A tough looking man (who had obviously done so much teeth-clenching that most of them had fallen out) had baggsied the parking space outside Offsprog One's house, but somehow we managed to unload and I even found a space further down the footpath-masquerading-as-a-street and had a quick cuppa in her pocket handkerchief garden.
Then it was time for Offsprog Two. We tried loading up from the next street (she was moving from only a street away from Offsprog One to the Big Yellow up the road), but eventually settled on a double yellow line with hazard lights (cue more mild perspiration) and then had a comedy-film hour of the wrong person being at the storage facility to sign the papers, no padlock, the trolley ran down the hill with the house contents on it, etc etc.
Back in London, I sighed a big sigh and thought that at least I'd done a bit to help and nobody looked too miserable even though homelessness was impending (maybe that's changed today).
I felt I deserved a night out in fantasy land and I was not to be disappointed. I got there just in time to see Gina play (did Kitty play too? I'm so sorry if I missed her). Gina was looking exceptionally glamorous and played four songs, including my fave, I Do Not Want To Wear Stilettos. She got a very good reception and was closely questioned by one audience member about her lyrics, and gently mobbed at the end.
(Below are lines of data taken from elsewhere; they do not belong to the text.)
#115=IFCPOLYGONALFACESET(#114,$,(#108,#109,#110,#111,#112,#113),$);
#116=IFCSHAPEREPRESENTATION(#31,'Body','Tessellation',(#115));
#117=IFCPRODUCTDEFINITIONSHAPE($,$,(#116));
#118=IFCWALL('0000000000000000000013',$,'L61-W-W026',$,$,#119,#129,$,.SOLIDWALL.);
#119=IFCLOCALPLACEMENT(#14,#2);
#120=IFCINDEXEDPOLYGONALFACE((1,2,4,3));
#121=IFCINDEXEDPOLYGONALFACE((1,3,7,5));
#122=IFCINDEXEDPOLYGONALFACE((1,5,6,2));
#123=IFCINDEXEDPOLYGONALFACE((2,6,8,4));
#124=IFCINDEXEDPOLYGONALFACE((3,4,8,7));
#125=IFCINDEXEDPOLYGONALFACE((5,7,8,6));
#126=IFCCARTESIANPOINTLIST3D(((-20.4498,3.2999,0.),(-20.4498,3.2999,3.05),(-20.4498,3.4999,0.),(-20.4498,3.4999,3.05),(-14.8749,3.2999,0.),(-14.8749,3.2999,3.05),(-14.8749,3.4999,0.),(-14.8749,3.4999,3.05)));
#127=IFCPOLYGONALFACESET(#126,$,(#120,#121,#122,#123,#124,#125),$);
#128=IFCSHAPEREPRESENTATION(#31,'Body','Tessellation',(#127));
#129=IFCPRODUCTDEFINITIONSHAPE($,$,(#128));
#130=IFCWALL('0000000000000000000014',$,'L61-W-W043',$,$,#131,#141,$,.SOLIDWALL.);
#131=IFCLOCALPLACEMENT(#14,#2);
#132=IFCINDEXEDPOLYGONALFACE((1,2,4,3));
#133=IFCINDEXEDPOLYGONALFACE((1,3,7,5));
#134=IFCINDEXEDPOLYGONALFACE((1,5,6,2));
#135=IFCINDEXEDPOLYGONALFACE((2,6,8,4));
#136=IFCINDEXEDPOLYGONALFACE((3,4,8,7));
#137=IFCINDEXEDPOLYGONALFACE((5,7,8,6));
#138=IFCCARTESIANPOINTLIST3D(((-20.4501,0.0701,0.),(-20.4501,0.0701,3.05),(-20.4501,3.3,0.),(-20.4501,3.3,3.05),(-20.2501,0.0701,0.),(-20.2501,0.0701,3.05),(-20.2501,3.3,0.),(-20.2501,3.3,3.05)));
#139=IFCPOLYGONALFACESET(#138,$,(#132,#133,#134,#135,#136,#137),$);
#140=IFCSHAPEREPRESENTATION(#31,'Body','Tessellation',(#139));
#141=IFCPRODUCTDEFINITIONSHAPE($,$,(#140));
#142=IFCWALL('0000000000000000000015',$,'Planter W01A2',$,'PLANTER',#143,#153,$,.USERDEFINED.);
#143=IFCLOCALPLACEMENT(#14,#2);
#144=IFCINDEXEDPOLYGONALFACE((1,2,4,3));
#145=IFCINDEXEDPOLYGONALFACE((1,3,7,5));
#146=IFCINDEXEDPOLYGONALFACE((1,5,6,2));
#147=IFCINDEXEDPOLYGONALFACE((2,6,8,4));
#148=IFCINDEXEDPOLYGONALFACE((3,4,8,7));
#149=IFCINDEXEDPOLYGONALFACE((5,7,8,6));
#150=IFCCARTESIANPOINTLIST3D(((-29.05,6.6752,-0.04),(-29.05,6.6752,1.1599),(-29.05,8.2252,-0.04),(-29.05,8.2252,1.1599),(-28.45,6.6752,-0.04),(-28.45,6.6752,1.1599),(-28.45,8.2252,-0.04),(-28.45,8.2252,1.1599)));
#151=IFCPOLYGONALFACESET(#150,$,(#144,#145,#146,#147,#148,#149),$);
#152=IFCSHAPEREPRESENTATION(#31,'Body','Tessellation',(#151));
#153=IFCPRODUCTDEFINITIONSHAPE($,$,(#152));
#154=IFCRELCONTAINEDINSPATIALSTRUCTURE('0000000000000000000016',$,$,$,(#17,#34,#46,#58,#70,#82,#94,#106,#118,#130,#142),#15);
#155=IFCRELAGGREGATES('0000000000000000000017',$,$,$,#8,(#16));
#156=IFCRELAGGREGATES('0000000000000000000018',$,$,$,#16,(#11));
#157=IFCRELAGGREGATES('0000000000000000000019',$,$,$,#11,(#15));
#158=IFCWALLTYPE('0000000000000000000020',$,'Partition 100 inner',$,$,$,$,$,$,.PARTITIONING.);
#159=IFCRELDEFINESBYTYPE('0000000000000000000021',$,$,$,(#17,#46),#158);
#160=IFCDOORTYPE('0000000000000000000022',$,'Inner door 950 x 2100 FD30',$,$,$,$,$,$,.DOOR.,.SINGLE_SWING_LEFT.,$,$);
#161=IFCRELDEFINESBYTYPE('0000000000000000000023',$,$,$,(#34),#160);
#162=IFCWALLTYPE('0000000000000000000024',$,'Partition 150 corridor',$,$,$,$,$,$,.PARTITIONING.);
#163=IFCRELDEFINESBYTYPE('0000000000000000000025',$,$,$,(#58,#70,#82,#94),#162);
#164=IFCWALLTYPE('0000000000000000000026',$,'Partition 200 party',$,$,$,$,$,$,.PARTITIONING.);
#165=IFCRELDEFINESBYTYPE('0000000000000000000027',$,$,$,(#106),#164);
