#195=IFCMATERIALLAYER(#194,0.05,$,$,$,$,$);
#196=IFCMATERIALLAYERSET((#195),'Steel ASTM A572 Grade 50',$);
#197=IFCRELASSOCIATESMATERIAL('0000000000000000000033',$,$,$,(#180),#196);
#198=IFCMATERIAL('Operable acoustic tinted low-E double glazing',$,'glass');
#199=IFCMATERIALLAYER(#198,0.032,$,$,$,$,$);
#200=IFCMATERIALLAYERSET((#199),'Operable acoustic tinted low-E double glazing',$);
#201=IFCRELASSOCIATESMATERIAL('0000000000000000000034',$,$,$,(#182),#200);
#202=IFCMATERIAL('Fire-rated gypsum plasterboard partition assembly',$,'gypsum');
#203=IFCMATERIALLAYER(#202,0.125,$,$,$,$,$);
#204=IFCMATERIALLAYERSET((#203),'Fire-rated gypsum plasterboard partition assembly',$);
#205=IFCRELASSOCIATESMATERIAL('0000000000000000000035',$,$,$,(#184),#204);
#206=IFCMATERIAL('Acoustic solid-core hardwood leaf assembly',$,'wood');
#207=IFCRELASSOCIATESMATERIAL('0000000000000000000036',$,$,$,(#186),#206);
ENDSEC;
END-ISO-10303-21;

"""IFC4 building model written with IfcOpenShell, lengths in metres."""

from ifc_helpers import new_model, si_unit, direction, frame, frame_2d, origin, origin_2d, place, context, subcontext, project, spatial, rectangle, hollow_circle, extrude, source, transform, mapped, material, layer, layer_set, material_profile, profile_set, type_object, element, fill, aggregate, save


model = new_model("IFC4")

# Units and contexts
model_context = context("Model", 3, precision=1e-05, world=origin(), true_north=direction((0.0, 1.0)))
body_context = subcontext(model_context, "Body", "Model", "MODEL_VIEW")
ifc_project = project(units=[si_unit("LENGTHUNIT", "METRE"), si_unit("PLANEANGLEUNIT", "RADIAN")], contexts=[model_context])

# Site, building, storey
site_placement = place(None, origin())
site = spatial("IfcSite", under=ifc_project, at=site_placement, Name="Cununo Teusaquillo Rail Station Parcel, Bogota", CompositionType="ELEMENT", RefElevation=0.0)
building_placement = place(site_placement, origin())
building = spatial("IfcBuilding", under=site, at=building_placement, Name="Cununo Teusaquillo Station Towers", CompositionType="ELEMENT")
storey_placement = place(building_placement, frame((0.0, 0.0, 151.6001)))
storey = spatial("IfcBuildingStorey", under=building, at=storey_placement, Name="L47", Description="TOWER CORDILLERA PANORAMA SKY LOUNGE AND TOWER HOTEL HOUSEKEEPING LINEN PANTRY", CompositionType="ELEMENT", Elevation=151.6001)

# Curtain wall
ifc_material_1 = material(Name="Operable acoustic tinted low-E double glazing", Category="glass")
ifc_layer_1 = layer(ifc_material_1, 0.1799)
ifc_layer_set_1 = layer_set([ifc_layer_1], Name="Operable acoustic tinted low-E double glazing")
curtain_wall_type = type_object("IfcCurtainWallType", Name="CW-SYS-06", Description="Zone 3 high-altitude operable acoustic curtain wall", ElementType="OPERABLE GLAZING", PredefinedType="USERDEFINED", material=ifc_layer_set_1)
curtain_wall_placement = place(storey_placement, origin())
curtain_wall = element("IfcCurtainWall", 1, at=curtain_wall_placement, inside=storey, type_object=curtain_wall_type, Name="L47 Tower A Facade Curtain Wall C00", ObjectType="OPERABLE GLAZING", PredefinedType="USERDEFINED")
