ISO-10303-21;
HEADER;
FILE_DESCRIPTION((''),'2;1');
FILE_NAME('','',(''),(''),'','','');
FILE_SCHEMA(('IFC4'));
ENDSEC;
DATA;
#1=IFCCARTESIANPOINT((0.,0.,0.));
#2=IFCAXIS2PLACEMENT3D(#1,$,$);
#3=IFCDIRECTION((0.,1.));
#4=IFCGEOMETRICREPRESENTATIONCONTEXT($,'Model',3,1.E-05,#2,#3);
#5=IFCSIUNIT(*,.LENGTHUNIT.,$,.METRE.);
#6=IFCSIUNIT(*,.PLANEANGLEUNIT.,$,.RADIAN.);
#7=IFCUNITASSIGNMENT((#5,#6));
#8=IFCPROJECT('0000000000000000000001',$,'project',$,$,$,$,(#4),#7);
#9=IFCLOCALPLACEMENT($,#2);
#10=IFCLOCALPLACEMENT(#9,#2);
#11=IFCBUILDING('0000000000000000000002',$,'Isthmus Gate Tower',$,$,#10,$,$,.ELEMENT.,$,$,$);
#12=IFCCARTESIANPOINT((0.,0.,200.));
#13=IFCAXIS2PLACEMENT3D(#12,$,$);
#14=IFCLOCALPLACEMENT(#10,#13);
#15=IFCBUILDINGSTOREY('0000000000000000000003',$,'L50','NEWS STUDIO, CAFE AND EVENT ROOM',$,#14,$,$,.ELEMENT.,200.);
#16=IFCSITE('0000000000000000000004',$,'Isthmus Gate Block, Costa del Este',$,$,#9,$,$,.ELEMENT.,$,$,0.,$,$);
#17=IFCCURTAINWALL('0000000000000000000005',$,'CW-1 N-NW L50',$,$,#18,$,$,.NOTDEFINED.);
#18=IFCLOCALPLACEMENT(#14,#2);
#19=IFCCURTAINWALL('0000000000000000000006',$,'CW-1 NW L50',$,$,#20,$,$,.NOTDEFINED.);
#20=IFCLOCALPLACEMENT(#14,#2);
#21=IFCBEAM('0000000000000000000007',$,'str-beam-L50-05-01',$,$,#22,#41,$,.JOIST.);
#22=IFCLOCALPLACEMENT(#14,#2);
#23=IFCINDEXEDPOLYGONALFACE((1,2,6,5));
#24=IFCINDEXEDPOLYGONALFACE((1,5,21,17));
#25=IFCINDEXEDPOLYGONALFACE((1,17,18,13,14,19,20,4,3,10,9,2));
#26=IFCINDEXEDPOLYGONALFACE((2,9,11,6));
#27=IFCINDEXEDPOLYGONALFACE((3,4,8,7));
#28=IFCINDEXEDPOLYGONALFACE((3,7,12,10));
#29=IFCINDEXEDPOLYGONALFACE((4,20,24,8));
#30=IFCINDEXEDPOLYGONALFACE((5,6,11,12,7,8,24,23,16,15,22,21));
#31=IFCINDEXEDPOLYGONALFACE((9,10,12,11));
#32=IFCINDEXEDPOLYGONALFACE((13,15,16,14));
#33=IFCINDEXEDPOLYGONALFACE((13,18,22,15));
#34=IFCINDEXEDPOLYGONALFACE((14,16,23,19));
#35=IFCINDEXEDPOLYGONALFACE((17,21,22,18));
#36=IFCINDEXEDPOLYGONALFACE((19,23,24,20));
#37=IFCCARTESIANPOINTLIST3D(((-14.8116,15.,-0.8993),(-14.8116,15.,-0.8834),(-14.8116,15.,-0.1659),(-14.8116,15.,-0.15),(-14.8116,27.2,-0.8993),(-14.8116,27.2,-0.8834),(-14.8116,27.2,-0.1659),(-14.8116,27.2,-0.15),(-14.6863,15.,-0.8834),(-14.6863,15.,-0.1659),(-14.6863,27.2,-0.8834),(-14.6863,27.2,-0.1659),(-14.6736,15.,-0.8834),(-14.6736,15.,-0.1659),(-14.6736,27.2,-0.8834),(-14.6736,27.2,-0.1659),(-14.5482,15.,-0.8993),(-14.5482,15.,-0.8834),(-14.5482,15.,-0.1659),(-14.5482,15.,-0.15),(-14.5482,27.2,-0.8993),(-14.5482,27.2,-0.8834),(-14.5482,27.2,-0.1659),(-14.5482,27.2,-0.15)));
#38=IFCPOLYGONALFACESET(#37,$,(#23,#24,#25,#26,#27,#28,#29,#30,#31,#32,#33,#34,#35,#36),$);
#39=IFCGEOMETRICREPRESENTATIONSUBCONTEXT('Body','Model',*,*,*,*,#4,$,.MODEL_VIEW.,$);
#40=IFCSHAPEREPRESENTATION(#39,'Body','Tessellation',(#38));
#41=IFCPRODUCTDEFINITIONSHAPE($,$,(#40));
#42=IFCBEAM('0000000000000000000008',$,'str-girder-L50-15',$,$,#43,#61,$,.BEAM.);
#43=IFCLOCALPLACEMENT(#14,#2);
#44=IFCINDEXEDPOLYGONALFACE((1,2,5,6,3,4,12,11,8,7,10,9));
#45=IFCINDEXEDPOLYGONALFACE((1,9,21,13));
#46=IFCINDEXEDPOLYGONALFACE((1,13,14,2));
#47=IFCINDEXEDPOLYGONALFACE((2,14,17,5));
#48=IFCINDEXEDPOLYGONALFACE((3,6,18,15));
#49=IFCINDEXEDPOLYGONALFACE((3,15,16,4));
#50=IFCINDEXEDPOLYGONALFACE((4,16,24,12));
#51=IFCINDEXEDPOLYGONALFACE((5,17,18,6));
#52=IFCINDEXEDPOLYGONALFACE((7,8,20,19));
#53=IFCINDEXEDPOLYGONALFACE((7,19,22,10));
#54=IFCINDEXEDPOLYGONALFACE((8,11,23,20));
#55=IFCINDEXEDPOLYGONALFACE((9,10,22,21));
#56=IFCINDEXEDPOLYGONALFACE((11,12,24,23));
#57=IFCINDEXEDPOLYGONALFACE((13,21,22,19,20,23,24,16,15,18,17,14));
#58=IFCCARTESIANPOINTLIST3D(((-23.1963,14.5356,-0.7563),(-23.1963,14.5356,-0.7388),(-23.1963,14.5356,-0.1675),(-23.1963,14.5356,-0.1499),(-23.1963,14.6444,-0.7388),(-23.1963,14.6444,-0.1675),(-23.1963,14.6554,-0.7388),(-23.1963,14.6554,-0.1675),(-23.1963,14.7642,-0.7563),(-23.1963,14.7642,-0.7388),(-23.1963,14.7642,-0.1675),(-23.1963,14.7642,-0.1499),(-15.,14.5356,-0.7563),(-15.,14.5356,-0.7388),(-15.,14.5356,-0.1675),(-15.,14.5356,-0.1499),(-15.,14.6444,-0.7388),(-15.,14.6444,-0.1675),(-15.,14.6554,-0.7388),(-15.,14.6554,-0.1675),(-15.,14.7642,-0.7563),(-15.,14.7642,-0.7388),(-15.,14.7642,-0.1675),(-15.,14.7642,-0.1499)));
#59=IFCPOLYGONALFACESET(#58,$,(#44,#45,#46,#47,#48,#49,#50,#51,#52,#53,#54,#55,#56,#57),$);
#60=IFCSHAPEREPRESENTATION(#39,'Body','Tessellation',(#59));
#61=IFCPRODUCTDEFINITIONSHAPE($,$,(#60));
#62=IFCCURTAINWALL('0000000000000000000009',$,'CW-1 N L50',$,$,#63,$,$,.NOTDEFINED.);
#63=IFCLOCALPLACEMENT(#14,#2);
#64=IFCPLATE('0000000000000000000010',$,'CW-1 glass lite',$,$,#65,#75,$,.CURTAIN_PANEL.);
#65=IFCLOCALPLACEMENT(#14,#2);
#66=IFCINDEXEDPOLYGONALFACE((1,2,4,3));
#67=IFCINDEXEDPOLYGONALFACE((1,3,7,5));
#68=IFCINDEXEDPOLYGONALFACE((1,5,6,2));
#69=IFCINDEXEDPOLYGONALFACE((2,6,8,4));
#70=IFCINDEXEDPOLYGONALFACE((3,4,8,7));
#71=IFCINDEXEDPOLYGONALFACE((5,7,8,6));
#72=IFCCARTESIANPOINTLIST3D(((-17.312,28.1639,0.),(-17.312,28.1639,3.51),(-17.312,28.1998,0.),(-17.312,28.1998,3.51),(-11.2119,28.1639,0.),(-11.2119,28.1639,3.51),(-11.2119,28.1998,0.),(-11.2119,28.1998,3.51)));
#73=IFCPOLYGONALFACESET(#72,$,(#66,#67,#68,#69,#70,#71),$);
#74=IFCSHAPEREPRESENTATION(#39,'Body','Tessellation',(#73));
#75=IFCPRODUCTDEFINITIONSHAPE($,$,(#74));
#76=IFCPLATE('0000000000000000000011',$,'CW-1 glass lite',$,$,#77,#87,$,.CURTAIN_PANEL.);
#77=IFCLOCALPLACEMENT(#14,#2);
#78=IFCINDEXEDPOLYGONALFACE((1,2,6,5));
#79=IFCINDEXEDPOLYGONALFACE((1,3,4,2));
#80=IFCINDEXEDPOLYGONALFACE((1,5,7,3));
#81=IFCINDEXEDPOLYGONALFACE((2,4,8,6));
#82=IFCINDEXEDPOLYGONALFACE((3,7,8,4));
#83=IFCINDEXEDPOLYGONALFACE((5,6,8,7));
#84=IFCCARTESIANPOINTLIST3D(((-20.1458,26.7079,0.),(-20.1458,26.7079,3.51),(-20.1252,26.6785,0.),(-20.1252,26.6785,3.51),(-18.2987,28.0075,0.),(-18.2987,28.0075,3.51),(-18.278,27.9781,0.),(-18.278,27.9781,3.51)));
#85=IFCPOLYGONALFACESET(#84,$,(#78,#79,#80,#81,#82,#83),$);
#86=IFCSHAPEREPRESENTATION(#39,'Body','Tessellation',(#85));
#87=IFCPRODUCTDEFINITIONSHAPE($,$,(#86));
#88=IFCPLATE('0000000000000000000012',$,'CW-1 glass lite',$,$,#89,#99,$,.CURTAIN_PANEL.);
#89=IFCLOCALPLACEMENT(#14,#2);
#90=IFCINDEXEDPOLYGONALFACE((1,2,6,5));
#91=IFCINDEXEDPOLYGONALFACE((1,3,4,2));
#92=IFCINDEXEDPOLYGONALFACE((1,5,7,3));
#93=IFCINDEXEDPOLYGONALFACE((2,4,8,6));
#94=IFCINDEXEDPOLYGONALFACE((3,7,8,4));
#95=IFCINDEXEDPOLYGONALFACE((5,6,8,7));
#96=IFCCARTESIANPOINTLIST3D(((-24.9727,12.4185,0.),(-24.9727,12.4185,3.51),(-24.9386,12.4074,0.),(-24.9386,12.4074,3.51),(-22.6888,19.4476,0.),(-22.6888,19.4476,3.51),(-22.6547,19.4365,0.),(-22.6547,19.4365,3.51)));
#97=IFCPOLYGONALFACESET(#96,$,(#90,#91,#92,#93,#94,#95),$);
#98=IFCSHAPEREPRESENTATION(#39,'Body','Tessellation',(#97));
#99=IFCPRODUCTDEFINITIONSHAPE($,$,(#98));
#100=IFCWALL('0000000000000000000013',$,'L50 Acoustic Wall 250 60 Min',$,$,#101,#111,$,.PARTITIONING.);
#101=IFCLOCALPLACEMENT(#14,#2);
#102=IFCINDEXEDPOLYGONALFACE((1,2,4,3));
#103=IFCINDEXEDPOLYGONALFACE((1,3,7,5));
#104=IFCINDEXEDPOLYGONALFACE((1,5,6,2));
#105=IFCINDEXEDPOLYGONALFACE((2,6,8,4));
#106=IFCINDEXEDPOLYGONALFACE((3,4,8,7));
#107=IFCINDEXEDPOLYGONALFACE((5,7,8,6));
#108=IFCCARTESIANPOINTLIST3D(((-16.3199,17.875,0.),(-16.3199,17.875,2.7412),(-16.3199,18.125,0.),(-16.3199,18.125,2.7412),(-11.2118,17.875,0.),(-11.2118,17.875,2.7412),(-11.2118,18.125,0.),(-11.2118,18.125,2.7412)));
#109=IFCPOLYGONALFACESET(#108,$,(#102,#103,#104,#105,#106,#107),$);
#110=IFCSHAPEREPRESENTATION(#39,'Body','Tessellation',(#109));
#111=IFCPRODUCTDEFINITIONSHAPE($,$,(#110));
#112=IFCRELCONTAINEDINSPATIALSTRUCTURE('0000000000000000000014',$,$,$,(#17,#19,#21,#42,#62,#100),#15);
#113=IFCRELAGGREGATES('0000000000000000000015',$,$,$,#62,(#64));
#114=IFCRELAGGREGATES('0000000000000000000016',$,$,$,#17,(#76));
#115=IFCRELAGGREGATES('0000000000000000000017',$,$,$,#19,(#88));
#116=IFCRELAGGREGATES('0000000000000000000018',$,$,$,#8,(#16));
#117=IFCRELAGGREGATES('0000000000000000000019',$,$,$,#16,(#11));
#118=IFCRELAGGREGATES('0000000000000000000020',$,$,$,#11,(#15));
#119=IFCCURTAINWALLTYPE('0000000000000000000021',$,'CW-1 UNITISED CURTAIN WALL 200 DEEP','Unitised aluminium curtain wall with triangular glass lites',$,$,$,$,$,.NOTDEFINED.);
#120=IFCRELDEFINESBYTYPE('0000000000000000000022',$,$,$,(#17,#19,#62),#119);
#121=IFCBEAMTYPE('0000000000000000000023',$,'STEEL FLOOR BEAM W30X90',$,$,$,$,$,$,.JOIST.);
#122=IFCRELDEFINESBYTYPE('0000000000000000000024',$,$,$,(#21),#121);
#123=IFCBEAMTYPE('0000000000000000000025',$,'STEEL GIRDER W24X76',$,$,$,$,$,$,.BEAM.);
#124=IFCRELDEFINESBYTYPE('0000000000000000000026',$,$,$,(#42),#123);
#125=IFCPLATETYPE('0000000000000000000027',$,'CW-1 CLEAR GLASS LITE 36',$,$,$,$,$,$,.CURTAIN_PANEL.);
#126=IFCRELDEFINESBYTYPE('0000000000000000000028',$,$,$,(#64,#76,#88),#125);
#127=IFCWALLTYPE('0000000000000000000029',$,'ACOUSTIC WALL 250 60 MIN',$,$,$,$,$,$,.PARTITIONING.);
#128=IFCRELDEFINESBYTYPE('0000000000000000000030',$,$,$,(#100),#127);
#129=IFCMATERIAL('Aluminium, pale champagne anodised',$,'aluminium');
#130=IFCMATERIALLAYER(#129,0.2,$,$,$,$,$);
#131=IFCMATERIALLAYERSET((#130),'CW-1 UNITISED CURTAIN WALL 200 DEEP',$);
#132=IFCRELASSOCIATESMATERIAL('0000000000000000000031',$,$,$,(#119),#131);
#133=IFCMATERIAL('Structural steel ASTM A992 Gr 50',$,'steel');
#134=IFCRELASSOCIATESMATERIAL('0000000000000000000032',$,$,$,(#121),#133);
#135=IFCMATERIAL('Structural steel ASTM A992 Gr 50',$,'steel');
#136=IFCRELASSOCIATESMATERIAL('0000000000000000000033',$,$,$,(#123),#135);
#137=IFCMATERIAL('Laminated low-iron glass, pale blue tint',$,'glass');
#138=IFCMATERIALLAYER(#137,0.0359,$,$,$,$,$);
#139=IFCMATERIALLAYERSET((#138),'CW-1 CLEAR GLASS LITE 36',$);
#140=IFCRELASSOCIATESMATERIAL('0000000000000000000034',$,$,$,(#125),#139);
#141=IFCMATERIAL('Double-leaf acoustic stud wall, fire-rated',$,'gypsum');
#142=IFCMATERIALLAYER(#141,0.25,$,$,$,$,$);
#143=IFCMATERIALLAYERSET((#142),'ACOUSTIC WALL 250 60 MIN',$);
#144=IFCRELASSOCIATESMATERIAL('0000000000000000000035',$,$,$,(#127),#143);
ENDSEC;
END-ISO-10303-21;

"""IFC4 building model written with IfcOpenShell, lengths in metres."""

from ifc_helpers import new_model, si_unit, direction, frame, frame_2d, origin, origin_2d, place, context, subcontext, project, spatial, rectangle, i_section, extrude, material, layer, layer_set, material_profile, profile_set, type_object, element, aggregate, save


model = new_model("IFC4")

# Units and contexts
model_context = context("Model", 3, precision=1e-05, world=origin(), true_north=direction((0.0, 1.0)))
body_context = subcontext(model_context, "Body", "Model", "MODEL_VIEW")
ifc_project = project(units=[si_unit("LENGTHUNIT", "METRE"), si_unit("PLANEANGLEUNIT", "RADIAN")], contexts=[model_context])

# Site, building, storey
site_placement = place(None, origin())
site = spatial("IfcSite", under=ifc_project, at=site_placement, Name="Isthmus Gate Block, Costa del Este", CompositionType="ELEMENT", RefElevation=0.0)
building_placement = place(site_placement, origin())
building = spatial("IfcBuilding", under=site, at=building_placement, Name="Isthmus Gate Tower", CompositionType="ELEMENT")
storey_placement = place(building_placement, frame((0.0, 0.0, 200.0)))
storey = spatial("IfcBuildingStorey", under=building, at=storey_placement, Name="L50", Description="NEWS STUDIO, CAFE AND EVENT ROOM", CompositionType="ELEMENT", Elevation=200.0)

# Curtain walls
ifc_material_1 = material(Name="Aluminium, pale champagne anodised", Category="aluminium")
ifc_layer_1 = layer(ifc_material_1, 0.2)
ifc_layer_set_1 = layer_set([ifc_layer_1], Name="CW-1 UNITISED CURTAIN WALL 200 DEEP")
curtain_wall_type = type_object("IfcCurtainWallType", Name="CW-1 UNITISED CURTAIN WALL 200 DEEP", Description="Unitised aluminium curtain wall with triangular glass lites", PredefinedType="NOTDEFINED", material=ifc_layer_set_1)
curtain_wall_1_placement = place(storey_placement, origin())
curtain_wall_1 = element("IfcCurtainWall", 1, at=curtain_wall_1_placement, inside=storey, type_object=curtain_wall_type, Name="CW-1 N-NW L50", PredefinedType="NOTDEFINED")
curtain_wall_2_placement = place(storey_placement, origin())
There was a chap called Sebastian Willan (I think) who according to Kitty (who was a very charming and funny mistress of ceremonies), wasn't called Sebastian at all, but was really Sam. Sebastian/Sam sang four very funny and simple songs nestled within anecdotes, with an appealing DIY simplicity about them. The best one was his song about the Chairoplanes at Carter's Steam Fair where he had worked for a day, apparently becoming bored after the first half hour. He'd obviously been mildly indoctrinated during his day's employment as his eyes glazed over slightly when he told us the ins and outs of the Chairoplane. He wore super shoes and a shirt that he claimed looked good on the shelf but on the person was a little too like something Noel Edmonds would wear.
Emma Bennett, wearing double headphones, sang, spoke and chirped along to recordings of herself responding in that way to birdsong. It sounded like Dada or Savant poetry until you realised what she was doing and then it all made sense and took on a more beautiful aura, shifting from Joyce Grenfell to Laurie Anderson in one fell swoop. Very aurally interesting and nice to see a committed performance of something so detailed in its dedication to the transcription of birdsong.
Finally, Molly Farquar (?) appeared, telling us about living in the same street as David Bowie, who painted his house black when he moved in, while Molly's family's house had been black and they painted it white. Molly had a box of records and she played firstly Cliff Richards' Summer Holiday followed by a seemingly random series of vinyl singles that got us all up dancing for the grand finale. Funny coincidence of the finale was Molly picking out Jimmy Cliff's You Can Get It If You Really Want It, followed by The Rolling Stones' You Can't Always Get What You Want.